Published: 19 July 2010

Abstract

Background

The sun-dried rind of the immature fruit of pomegranate (Punica granatum) is presently used as a herbal formulation (OMARIA, Orissa Malaria Research Indigenous Attempt) in Orissa, India, for the therapy and prophylaxis of malaria. The pathogenesis of cerebral malaria, a complication of the infection by Plasmodium falciparum, is an inflammatory cytokine-driven disease associated to an up-regulation and activity of metalloproteinase-9 and to the increase of TNF production.

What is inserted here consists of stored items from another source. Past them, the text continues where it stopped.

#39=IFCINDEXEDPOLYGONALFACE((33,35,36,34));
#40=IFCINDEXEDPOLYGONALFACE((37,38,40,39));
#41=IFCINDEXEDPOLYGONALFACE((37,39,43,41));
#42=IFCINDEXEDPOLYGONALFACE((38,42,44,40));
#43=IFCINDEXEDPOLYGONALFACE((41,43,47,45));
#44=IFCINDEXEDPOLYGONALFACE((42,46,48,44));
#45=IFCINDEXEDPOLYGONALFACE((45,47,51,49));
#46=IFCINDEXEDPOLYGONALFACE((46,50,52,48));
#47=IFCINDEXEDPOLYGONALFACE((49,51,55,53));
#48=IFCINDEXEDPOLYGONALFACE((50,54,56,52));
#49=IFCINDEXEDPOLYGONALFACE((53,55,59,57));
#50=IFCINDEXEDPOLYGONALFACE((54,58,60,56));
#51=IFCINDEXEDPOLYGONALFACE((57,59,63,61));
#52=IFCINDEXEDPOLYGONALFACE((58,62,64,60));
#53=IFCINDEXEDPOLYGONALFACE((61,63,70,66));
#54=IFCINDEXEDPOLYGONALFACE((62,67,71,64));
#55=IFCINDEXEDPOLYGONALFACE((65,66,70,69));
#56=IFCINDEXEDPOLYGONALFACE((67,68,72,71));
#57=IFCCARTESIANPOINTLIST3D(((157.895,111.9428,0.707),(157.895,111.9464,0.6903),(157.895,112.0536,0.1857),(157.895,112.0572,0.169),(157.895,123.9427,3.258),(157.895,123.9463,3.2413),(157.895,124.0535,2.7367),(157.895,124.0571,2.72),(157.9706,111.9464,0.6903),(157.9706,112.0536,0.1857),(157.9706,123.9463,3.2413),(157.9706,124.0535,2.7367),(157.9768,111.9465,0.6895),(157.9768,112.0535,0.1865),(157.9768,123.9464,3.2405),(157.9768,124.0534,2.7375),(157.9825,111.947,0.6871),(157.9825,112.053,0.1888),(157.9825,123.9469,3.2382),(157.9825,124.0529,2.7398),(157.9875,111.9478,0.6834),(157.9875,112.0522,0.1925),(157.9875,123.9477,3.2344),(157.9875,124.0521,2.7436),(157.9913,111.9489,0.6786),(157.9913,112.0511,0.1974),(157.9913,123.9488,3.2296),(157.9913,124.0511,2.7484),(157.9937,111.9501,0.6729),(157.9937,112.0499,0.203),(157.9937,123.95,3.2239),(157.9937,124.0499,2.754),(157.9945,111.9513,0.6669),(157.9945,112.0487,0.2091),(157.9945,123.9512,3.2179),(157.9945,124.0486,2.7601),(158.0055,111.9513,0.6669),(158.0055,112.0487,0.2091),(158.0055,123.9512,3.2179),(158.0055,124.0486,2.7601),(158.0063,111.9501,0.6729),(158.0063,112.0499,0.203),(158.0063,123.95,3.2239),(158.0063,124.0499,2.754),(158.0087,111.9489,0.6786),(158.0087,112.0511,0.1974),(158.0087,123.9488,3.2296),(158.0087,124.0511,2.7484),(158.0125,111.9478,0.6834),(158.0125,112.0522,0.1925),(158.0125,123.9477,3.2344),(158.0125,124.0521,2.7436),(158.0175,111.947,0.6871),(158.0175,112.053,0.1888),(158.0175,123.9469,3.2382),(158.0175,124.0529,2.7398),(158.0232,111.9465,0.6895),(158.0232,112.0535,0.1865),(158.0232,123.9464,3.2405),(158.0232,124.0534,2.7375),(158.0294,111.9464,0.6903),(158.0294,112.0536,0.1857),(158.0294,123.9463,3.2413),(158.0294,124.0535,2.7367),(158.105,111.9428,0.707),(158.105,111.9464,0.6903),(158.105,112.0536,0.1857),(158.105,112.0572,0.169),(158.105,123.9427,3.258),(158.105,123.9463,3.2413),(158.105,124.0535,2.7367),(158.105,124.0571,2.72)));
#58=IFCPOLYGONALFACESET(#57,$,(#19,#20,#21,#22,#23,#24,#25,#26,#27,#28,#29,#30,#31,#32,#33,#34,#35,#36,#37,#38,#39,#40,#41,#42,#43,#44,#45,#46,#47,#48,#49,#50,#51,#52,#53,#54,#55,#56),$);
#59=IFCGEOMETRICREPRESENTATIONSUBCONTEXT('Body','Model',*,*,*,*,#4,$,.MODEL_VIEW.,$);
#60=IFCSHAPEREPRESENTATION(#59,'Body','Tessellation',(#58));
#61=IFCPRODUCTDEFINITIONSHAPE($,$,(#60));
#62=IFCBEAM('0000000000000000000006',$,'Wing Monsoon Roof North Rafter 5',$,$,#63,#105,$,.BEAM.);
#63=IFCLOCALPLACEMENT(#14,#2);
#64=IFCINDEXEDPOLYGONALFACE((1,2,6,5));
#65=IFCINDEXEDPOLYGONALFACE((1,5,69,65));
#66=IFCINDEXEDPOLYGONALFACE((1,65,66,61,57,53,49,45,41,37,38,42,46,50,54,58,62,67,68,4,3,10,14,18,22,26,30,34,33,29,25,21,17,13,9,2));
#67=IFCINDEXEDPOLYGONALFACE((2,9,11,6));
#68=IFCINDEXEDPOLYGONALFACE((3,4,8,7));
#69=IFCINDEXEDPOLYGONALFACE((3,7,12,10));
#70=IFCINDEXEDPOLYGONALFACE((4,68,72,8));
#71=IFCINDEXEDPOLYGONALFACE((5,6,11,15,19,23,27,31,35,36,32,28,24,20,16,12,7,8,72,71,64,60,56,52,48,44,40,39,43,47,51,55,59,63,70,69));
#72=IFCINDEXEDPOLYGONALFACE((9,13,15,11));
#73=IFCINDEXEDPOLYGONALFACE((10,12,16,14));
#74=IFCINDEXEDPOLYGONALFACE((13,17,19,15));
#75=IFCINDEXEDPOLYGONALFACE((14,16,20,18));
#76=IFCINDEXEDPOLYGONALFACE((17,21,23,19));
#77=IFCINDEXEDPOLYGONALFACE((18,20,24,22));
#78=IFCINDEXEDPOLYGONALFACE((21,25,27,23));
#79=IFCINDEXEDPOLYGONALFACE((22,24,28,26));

The in vitro anti-plasmodial activity of Punica granatum (Pg) was recently described. The aim of the present study was to explore whether the anti-malarial effect of OMARIA could also be sustained via other mechanisms among those associated to the host immune response.

Methods

From the methanolic extract of the fruit rind, a fraction enriched in tannins (Pg-FET) was prepared. MMP-9 secretion and expression were evaluated in THP-1 cells stimulated with haemozoin or TNF. The assays were conducted in the presence of the Pg-FET and its chemical constituents ellagic acid and punicalagin. The effect of urolithins, the ellagitannin metabolites formed by human intestinal microflora, was also investigated.

Results

Pg-FET and its constituents inhibited the secretion of MMP-9 induced by haemozoin or TNF. The effect occurred at transcriptional level since MMP-9 mRNA levels were lower in the presence of the tested compounds. Urolithins as well inhibited MMP-9 secretion and expression. Pg-FET and pure compounds also inhibited MMP-9 promoter activity and NF-kB-driven transcription.

Conclusions

The beneficial effect of the fruit rind of Punica granatum for the treatment of malarial disease may be attributed to the anti-parasitic activity and the inhibition of the pro-inflammatory mechanisms involved in the onset of cerebral malaria.